The Foster Case was followed in Thompson v. Thompson, 107 Ala. 163, 18 So. 247, and Callicott v. Parks, 58 Miss. 528; Keniston v. Gorrell, 74 N. H. 53, 64 A. 1101. Doubtless there are others, but our limited research has not revealed any where the facts were similar.

In American National Bank v. Taylor, 112 Va. 1, 70 S. E. 534, 536, Ann.
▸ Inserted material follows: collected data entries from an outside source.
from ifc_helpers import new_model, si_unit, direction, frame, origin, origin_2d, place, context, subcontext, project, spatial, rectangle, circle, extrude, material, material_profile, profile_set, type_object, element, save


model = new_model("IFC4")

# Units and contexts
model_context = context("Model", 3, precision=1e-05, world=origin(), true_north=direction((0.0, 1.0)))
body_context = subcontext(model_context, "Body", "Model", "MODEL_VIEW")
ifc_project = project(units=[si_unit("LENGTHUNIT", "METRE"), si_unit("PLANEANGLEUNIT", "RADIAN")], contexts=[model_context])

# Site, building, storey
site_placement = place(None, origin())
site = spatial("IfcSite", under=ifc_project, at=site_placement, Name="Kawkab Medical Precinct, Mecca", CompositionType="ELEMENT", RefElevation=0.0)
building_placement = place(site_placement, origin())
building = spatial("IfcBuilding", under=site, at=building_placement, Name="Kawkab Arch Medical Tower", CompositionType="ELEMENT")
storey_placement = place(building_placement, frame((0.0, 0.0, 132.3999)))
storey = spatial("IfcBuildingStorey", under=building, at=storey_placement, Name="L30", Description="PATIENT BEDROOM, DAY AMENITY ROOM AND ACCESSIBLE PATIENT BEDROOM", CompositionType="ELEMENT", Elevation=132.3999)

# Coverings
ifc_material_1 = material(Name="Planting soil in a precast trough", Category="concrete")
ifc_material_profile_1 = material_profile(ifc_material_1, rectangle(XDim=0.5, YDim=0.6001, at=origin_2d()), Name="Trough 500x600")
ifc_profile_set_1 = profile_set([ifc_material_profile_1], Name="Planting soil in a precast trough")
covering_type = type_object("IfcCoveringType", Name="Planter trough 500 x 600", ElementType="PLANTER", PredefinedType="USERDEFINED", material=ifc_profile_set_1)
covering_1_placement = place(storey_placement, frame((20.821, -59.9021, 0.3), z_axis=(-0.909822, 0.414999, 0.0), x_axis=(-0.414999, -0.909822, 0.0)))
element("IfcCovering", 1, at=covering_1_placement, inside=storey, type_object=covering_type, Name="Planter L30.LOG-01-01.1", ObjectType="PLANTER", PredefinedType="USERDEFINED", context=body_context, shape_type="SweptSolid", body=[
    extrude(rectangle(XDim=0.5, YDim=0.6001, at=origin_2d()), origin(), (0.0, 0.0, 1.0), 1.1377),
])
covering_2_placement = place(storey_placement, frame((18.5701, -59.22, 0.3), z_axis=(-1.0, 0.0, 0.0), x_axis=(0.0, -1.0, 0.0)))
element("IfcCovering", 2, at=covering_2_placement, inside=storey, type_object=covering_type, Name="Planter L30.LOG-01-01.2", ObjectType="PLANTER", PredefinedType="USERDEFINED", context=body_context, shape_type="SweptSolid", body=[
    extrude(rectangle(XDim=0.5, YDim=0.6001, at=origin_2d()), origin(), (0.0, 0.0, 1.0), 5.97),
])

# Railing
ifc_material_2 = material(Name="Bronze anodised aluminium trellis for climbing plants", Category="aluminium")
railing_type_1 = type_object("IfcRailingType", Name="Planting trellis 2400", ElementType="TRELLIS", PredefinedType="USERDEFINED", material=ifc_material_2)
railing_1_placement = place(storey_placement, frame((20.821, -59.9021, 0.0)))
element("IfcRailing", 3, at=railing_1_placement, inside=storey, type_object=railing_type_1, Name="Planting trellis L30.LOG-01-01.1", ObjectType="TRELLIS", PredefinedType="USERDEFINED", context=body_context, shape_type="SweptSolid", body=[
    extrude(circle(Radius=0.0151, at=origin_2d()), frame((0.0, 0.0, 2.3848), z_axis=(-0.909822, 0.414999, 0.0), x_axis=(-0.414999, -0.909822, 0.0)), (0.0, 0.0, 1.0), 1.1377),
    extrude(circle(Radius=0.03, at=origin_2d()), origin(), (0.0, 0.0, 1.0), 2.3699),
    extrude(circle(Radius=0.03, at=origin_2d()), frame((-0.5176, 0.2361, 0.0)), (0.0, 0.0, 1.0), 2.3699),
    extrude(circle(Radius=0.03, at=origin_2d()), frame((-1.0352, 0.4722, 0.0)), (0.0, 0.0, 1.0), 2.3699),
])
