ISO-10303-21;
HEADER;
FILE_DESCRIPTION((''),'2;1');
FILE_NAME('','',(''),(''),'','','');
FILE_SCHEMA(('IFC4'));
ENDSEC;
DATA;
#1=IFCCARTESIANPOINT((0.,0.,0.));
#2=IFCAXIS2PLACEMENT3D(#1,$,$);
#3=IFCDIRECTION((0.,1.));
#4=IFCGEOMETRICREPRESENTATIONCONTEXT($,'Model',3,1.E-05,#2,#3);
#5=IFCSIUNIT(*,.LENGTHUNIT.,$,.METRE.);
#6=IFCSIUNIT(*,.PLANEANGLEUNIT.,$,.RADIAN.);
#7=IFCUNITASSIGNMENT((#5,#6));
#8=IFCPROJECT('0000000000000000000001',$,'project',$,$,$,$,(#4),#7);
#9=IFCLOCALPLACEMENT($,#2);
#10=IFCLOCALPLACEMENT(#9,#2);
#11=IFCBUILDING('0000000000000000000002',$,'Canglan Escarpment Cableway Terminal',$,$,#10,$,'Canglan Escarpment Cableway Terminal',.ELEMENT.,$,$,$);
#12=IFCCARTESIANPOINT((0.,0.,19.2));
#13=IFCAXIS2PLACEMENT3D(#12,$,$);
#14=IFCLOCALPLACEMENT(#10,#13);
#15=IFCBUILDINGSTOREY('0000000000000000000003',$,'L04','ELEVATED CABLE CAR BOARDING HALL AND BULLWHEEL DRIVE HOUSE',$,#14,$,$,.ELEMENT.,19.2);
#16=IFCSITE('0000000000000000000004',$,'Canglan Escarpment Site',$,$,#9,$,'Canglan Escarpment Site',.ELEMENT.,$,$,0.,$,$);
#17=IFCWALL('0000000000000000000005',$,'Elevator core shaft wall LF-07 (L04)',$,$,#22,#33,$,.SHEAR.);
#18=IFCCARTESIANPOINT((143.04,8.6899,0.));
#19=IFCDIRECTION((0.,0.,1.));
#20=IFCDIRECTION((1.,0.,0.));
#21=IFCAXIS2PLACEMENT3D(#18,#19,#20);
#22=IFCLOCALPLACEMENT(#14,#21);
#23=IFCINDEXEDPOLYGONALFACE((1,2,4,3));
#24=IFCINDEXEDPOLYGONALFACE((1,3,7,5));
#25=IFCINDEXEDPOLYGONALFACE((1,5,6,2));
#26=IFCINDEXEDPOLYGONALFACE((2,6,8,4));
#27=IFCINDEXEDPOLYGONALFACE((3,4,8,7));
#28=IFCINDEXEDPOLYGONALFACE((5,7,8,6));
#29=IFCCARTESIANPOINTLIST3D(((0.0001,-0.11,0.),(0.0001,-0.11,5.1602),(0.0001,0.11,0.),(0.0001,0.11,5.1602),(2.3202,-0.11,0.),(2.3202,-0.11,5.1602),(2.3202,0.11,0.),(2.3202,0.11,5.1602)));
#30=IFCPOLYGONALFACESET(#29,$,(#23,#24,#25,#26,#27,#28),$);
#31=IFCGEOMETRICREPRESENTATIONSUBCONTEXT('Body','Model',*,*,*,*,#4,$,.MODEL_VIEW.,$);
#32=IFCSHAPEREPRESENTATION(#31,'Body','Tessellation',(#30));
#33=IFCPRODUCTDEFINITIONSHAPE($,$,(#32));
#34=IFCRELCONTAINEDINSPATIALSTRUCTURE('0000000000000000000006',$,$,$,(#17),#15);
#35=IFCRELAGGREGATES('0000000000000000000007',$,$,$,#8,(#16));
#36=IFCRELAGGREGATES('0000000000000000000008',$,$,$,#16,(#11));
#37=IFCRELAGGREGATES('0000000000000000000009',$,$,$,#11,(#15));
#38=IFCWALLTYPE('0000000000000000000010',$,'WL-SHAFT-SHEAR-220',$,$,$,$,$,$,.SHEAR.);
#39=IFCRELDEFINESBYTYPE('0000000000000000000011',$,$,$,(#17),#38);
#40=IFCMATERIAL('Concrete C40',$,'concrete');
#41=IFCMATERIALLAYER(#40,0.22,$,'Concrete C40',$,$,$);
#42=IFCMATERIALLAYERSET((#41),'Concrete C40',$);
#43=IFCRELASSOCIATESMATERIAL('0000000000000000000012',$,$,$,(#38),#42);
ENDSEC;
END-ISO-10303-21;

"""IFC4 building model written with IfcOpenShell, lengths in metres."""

from ifc_helpers import new_model, si_unit, direction, frame, frame_2d, origin, place, context, subcontext, project, spatial, rectangle, extrude, material, layer, layer_set, type_object, element, save


model = new_model("IFC4")

# Units and contexts
model_context = context("Model", 3, precision=1e-05, world=origin(), true_north=direction((0.0, 1.0)))
body_context = subcontext(model_context, "Body", "Model", "MODEL_VIEW")
ifc_project = project(units=[si_unit("LENGTHUNIT", "METRE"), si_unit("PLANEANGLEUNIT", "RADIAN")], contexts=[model_context])

# Site, building, storey
site_placement = place(None, origin())
site = spatial("IfcSite", under=ifc_project, at=site_placement, Name="Canglan Escarpment Site", LongName="Canglan Escarpment Site", CompositionType="ELEMENT", RefElevation=0.0)
building_placement = place(site_placement, origin())
building = spatial("IfcBuilding", under=site, at=building_placement, Name="Canglan Escarpment Cableway Terminal", LongName="Canglan Escarpment Cableway Terminal", CompositionType="ELEMENT")
storey_placement = place(building_placement, frame((0.0, 0.0, 19.2)))
storey = spatial("IfcBuildingStorey", under=building, at=storey_placement, Name="L04", Description="ELEVATED CABLE CAR BOARDING HALL AND BULLWHEEL DRIVE HOUSE", CompositionType="ELEMENT", Elevation=19.2)

# Shared definitions
ifc_material_1 = material(Name="Concrete C40", Category="concrete")
ifc_layer_1 = layer(ifc_material_1, 0.22, Name="Concrete C40")
ifc_layer_set_1 = layer_set([ifc_layer_1], Name="Concrete C40")
wall_type_1 = type_object("IfcWallType", Name="WL-SHAFT-SHEAR-220", PredefinedType="SHEAR", material=ifc_layer_set_1)

# Wall
wall_1_placement = place(storey_placement, frame((143.04, 8.6899, 0.0), z_axis=(0.0, 0.0, 1.0), x_axis=(1.0, 0.0, 0.0)))
element("IfcWall", 1, at=wall_1_placement, inside=storey, type_object=wall_type_1, Name="Elevator core shaft wall LF-07 (L04)", PredefinedType="SHEAR", context=body_context, shape_type="SweptSolid", body=[
    extrude(rectangle(XDim=2.3201, YDim=0.22, at=frame_2d((1.1602, 0.0))), origin(), (0.0, 0.0, 1.0), 5.1602),
])

save(model, "model.ifc")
Cas. 1912D, 40, under what the court called “a somewhat anomalous state of things,” requiring the adoption of some other mode of adjustment than the application of the general rules in order to “produce the greatest equality with the least inconvenience,” it was held there should be a commutation of the value of the life estate into a gross sum payable out of the proceeds; nevertheless, upon the authority of other Virginia cases, it was declared that “As a general rule, a party who has a life estate in a fund arising *628 froxri the proceeds of the sale of land is not entitled to have the value of his life estate commuted and paid to him in gross, instead of the annual interest on the fund, unless the parties in interest agree to it.”

The conclusion of the court both in respect to the general rule and the exceptions when special conditions require it as a matter of equity, is, in principle, supported by all the authorities except the three cited above; the converse of course, being true, that the remaindermen cannot compel the owner of a life estate to submit to commutation. Herbert v.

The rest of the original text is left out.